Support Questions

Find answers, ask questions, and share your expertise
Announcements
Celebrating as our community reaches 100,000 members! Thank you!

List hbase tables Spark sql

avatar
Contributor

I would like to list Hbase tables using Spark SQL.

Tried below code, but its not working. Do we need to set hbase host, zookeeper quorum etc details in the Spark sql context options?

val sparkConf = new SparkConf().setAppName("test")

val sc= new SparkContext(sparkConf)

val sqlContext = new SQLContext(sc)

val hiveContext = new HiveContext(sqlContext)

val listOfTables = hiveContext.sql("list")

listOfTables.show

1 ACCEPTED SOLUTION

avatar
Guru

@Sankaraiah Narayanasamy

You can't list Hbase tables using Spark SQL because Hbase tables do not have a schema. Each row can have a different number of columns and each column is stored as a byte array not a specific data types. HiveContext will only allow you to list tables in Hive not Hbase. If you have Apache Phoenix installed over the top of Hbase, it is possible to see a list of tables, but not using HiveContext.

If you are trying to see a list of Hive Tables that SparkSQL can access, then the command is "show tables" not "list". So your code should be.

val listOfTables = hiveContext.sql("show tables")

This will work assuming that you have Spark configured to point at the Hive Metastore.

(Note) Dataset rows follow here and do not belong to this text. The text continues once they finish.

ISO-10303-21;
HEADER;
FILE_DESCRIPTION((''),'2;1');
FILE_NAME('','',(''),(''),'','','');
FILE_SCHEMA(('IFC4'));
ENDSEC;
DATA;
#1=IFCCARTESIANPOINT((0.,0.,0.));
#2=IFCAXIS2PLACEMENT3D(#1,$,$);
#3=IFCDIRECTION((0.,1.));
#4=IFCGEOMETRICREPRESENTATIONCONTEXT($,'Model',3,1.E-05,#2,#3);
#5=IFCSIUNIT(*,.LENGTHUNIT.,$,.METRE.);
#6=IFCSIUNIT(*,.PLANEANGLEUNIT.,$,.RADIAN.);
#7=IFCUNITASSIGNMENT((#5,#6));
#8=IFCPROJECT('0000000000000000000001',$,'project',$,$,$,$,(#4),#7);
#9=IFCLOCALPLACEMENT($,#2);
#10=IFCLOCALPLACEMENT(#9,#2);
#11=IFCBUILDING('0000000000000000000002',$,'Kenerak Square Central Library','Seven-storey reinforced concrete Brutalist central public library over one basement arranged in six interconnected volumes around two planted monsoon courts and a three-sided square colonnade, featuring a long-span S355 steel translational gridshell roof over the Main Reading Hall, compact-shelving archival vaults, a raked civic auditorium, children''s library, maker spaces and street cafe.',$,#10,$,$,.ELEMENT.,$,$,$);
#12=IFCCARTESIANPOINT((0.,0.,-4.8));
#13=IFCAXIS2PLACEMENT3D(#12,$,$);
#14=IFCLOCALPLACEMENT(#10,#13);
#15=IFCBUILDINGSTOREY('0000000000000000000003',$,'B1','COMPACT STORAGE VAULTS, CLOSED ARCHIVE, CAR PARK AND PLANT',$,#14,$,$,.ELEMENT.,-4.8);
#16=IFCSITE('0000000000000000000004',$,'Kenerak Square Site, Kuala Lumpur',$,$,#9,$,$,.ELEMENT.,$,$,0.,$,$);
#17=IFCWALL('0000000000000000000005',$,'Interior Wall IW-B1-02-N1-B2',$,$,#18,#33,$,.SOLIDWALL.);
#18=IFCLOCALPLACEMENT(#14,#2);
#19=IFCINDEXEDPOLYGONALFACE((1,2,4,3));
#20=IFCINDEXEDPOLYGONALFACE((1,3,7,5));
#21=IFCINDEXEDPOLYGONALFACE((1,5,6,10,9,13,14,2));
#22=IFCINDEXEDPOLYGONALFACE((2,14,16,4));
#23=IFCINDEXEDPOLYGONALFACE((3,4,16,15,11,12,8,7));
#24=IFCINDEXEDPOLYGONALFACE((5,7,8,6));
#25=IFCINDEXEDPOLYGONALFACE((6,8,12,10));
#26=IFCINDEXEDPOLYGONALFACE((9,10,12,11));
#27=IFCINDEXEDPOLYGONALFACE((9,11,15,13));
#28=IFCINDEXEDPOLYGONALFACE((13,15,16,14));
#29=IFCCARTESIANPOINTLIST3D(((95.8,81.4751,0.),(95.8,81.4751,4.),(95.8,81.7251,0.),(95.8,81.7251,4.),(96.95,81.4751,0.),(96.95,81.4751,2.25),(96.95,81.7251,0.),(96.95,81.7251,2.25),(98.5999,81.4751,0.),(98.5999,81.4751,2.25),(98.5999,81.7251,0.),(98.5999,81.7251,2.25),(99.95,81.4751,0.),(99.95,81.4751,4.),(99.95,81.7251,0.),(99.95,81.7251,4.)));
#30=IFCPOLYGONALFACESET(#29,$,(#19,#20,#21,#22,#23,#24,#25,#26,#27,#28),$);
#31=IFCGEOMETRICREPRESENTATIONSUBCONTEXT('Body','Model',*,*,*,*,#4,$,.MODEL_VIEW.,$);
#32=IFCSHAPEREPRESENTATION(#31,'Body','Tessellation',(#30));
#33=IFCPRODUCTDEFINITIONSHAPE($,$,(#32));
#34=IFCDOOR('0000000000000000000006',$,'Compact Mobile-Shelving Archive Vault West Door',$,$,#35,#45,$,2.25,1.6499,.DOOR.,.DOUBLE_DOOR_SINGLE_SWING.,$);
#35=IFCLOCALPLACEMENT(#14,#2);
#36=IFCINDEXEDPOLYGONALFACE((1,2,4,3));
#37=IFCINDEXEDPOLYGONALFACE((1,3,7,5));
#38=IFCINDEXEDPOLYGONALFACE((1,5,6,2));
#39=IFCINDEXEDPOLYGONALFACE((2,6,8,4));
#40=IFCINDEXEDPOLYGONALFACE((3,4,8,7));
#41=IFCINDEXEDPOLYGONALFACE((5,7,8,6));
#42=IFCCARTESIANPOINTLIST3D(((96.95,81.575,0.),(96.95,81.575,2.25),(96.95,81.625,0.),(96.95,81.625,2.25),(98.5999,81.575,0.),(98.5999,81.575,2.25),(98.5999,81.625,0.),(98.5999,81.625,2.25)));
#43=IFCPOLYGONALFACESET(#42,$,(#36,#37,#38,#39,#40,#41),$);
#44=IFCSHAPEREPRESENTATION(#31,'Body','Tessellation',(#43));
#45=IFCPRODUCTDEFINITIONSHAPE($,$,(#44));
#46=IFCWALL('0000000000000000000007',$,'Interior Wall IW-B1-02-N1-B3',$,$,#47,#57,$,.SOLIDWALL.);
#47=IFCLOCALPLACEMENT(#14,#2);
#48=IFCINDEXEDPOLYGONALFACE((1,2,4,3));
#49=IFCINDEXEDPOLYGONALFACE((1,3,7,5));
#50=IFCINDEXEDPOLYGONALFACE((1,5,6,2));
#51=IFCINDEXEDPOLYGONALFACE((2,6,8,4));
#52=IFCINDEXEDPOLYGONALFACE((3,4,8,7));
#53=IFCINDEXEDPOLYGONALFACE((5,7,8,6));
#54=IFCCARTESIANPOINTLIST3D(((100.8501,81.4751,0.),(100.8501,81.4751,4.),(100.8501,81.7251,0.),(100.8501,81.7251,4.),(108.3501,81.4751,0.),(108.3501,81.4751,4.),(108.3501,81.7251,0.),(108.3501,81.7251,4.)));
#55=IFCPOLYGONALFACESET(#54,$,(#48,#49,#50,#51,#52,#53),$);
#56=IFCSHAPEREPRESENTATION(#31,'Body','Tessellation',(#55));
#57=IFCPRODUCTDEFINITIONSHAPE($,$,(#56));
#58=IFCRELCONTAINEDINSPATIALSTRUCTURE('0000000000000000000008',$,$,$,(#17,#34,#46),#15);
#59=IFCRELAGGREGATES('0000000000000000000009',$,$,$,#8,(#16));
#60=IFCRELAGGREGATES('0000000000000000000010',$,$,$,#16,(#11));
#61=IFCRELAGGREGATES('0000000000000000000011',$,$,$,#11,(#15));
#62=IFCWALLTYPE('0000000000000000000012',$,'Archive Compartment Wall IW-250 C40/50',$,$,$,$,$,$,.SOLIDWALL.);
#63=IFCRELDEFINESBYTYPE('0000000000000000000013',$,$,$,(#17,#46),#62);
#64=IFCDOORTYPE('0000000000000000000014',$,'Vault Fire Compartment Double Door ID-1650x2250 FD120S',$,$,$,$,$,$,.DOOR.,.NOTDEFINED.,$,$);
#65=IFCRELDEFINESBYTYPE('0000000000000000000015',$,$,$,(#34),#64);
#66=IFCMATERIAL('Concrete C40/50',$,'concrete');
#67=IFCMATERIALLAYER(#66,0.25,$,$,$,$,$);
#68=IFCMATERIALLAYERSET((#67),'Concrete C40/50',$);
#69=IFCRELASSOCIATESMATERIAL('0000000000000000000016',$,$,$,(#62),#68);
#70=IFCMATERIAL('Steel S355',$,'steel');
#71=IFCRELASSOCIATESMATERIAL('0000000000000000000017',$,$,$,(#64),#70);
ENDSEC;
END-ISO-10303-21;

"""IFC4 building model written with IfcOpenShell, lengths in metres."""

from ifc_helpers import new_model, si_unit, direction, frame, frame_2d, origin, place, context, subcontext, project, spatial, rectangle, extrude, material, layer, layer_set, type_object, element, fill, save


model = new_model("IFC4")

# Units and contexts
model_context = context("Model", 3, precision=1e-05, world=origin(), true_north=direction((0.0, 1.0)))
body_context = subcontext(model_context, "Body", "Model", "MODEL_VIEW")
ifc_project = project(units=[si_unit("LENGTHUNIT", "METRE"), si_unit("PLANEANGLEUNIT", "RADIAN")], contexts=[model_context])

# Site, building, storey
site_placement = place(None, origin())
site = spatial("IfcSite", under=ifc_project, at=site_placement, Name="Kenerak Square Site, Kuala Lumpur", CompositionType="ELEMENT", RefElevation=0.0)
building_placement = place(site_placement, origin())
building = spatial("IfcBuilding", under=site, at=building_placement, Name="Kenerak Square Central Library", Description="Seven-storey reinforced concrete Brutalist central public library over one basement arranged in six interconnected volumes around two planted monsoon courts and a three-sided square colonnade, featuring a long-span S355 steel translational gridshell roof over the Main Reading Hall, compact-shelving archival vaults, a raked civic auditorium, children's library, maker spaces and street cafe.", CompositionType="ELEMENT")
storey_placement = place(building_placement, frame((0.0, 0.0, -4.8)))
storey = spatial("IfcBuildingStorey", under=building, at=storey_placement, Name="B1", Description="COMPACT STORAGE VAULTS, CLOSED ARCHIVE, CAR PARK AND PLANT", CompositionType="ELEMENT", Elevation=-4.8)

# Shared definitions
ifc_material_1 = material(Name="Concrete C40/50", Category="concrete")

# Shared definitions
ifc_layer = layer(ifc_material_1, 0.25)
ifc_layer_set = layer_set([ifc_layer], Name="Concrete C40/50")
wall_type = type_object("IfcWallType", Name="Archive Compartment Wall IW-250 C40/50", PredefinedType="SOLIDWALL", material=ifc_layer_set)

# Wall, opening, door
wall_1_placement = place(storey_placement, frame((95.8, 81.6001, 0.0), z_axis=(0.0, 0.0, 1.0), x_axis=(1.0, 0.0, 0.0)))
wall_1 = element("IfcWall", 1, at=wall_1_placement, inside=storey, type_object=wall_type, Name="Interior Wall IW-B1-02-N1-B2", PredefinedType="SOLIDWALL", context=body_context, shape_type="SweptSolid", body=[
    extrude(rectangle(XDim=4.1499, YDim=0.25, at=frame_2d((2.075, 0.0))), origin(), (0.0, 0.0, 1.0), 4.0),
])
opening_placement = place(wall_1_placement, frame((1.1499, 0.0, 0.0)))
opening = element("IfcOpeningElement", 2, at=opening_placement, cuts=wall_1, PredefinedType="OPENING", context=body_context, shape_type="SweptSolid", body=[
    extrude(rectangle(XDim=1.6499, YDim=2.25, at=frame_2d((0.825, 1.125))), frame((0.0, 0.135, 0.0), z_axis=(0.0, -1.0, 0.0), x_axis=(1.0, 0.0, 0.0)), (0.0, 0.0, 1.0), 0.27),
])
ifc_material_2 = material(Name="Steel S355", Category="steel")
door_type = type_object("IfcDoorType", Name="Vault Fire Compartment Double Door ID-1650x2250 FD120S", OperationType="NOTDEFINED", PredefinedType="DOOR", material=ifc_material_2)
door_placement = place(opening_placement, origin())
door = element("IfcDoor", 3, at=door_placement, inside=storey, type_object=door_type, Name="Compact Mobile-Shelving Archive Vault West Door", OperationType="DOUBLE_DOOR_SINGLE_SWING", OverallHeight=2.25, OverallWidth=1.6499, PredefinedType="DOOR", context=body_context, shape_type="SweptSolid", body=[
    extrude(rectangle(XDim=1.6499, YDim=2.25, at=frame_2d((0.825, 1.125))), frame((0.0, 0.0249, 0.0), z_axis=(0.0, -1.0, 0.0), x_axis=(1.0, 0.0, 0.0)), (0.0, 0.0, 1.0), 0.05),
])
fill(opening, door)

# Wall
wall_2_placement = place(storey_placement, frame((100.8501, 81.6001, 0.0), z_axis=(0.0, 0.0, 1.0), x_axis=(1.0, 0.0, 0.0)))
element("IfcWall", 4, at=wall_2_placement, inside=storey, type_object=wall_type, Name="Interior Wall IW-B1-02-N1-B3", PredefinedType="SOLIDWALL", context=body_context, shape_type="SweptSolid", body=[
    extrude(rectangle(XDim=7.5, YDim=0.25, at=frame_2d((3.75, 0.0))), origin(), (0.0, 0.0, 1.0), 4.0),
])

save(model, "model.ifc")
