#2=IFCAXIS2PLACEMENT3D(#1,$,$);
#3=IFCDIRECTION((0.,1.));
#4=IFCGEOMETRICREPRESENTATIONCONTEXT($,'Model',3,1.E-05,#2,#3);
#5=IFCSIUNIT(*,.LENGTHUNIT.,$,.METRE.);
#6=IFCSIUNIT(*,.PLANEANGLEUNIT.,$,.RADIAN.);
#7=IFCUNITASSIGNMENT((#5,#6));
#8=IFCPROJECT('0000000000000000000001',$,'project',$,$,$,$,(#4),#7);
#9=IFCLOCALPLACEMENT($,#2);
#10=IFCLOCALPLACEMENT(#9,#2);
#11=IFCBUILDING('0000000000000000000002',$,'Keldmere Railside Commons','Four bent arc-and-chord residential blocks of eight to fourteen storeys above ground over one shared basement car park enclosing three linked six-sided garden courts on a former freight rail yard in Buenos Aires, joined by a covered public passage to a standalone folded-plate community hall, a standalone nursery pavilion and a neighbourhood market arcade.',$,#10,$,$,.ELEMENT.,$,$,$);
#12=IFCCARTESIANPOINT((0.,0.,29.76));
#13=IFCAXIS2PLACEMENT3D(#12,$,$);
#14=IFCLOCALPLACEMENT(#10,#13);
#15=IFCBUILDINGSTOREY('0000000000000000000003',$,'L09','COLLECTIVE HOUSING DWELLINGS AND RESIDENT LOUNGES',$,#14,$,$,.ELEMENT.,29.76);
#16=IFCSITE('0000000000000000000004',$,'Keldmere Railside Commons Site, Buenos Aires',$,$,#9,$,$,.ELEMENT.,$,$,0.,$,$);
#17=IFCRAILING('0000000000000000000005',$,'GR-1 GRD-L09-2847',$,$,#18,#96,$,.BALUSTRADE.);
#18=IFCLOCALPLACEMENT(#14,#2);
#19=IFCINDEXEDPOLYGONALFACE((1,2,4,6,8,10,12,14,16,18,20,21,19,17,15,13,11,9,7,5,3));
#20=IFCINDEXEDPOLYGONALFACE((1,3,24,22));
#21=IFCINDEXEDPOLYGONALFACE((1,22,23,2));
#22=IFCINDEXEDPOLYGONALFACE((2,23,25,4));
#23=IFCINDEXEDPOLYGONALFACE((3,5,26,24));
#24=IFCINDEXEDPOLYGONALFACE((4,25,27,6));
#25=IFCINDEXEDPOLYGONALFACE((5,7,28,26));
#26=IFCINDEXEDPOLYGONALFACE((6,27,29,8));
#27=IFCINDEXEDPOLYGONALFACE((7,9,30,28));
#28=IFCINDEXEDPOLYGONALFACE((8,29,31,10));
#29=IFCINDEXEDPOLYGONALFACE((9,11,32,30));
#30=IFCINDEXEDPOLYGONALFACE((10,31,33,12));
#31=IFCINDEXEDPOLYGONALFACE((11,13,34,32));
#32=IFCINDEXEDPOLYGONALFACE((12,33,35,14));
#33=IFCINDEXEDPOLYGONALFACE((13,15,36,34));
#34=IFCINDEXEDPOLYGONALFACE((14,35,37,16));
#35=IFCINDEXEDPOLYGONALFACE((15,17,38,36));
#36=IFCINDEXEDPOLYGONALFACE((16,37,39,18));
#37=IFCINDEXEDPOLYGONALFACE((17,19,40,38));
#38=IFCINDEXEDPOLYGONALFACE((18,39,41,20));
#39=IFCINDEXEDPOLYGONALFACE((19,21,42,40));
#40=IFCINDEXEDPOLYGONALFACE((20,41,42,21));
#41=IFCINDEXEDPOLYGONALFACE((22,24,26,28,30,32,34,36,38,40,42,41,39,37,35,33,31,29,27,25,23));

View solution in original post

6 REPLIES 6

avatar
Guru

@Sankaraiah Narayanasamy

You can't list Hbase tables using Spark SQL because Hbase tables do not have a schema. Each row can have a different number of columns and each column is stored as a byte array not a specific data types. HiveContext will only allow you to list tables in Hive not Hbase. If you have Apache Phoenix installed over the top of Hbase, it is possible to see a list of tables, but not using HiveContext.

If you are trying to see a list of Hive Tables that SparkSQL can access, then the command is "show tables" not "list". So your code should be.

val listOfTables = hiveContext.sql("show tables")

This will work assuming that you have Spark configured to point at the Hive Metastore.

avatar
Contributor

@Vadim Vaks:

Thanks for the answer, so we cannot list the Hbase tables using Spark SQL Context.

avatar
Guru

@Sankaraiah Narayanasamy

Not unless you create a Hive table using an Hbase storage handler:

https://cwiki.apache.org/confluence/display/Hive/HBaseIntegration

This will impose a schema onto an Hbase table through Hive and save the schema in the metastore. Once it's in the metastore, you can access it through HiveContext.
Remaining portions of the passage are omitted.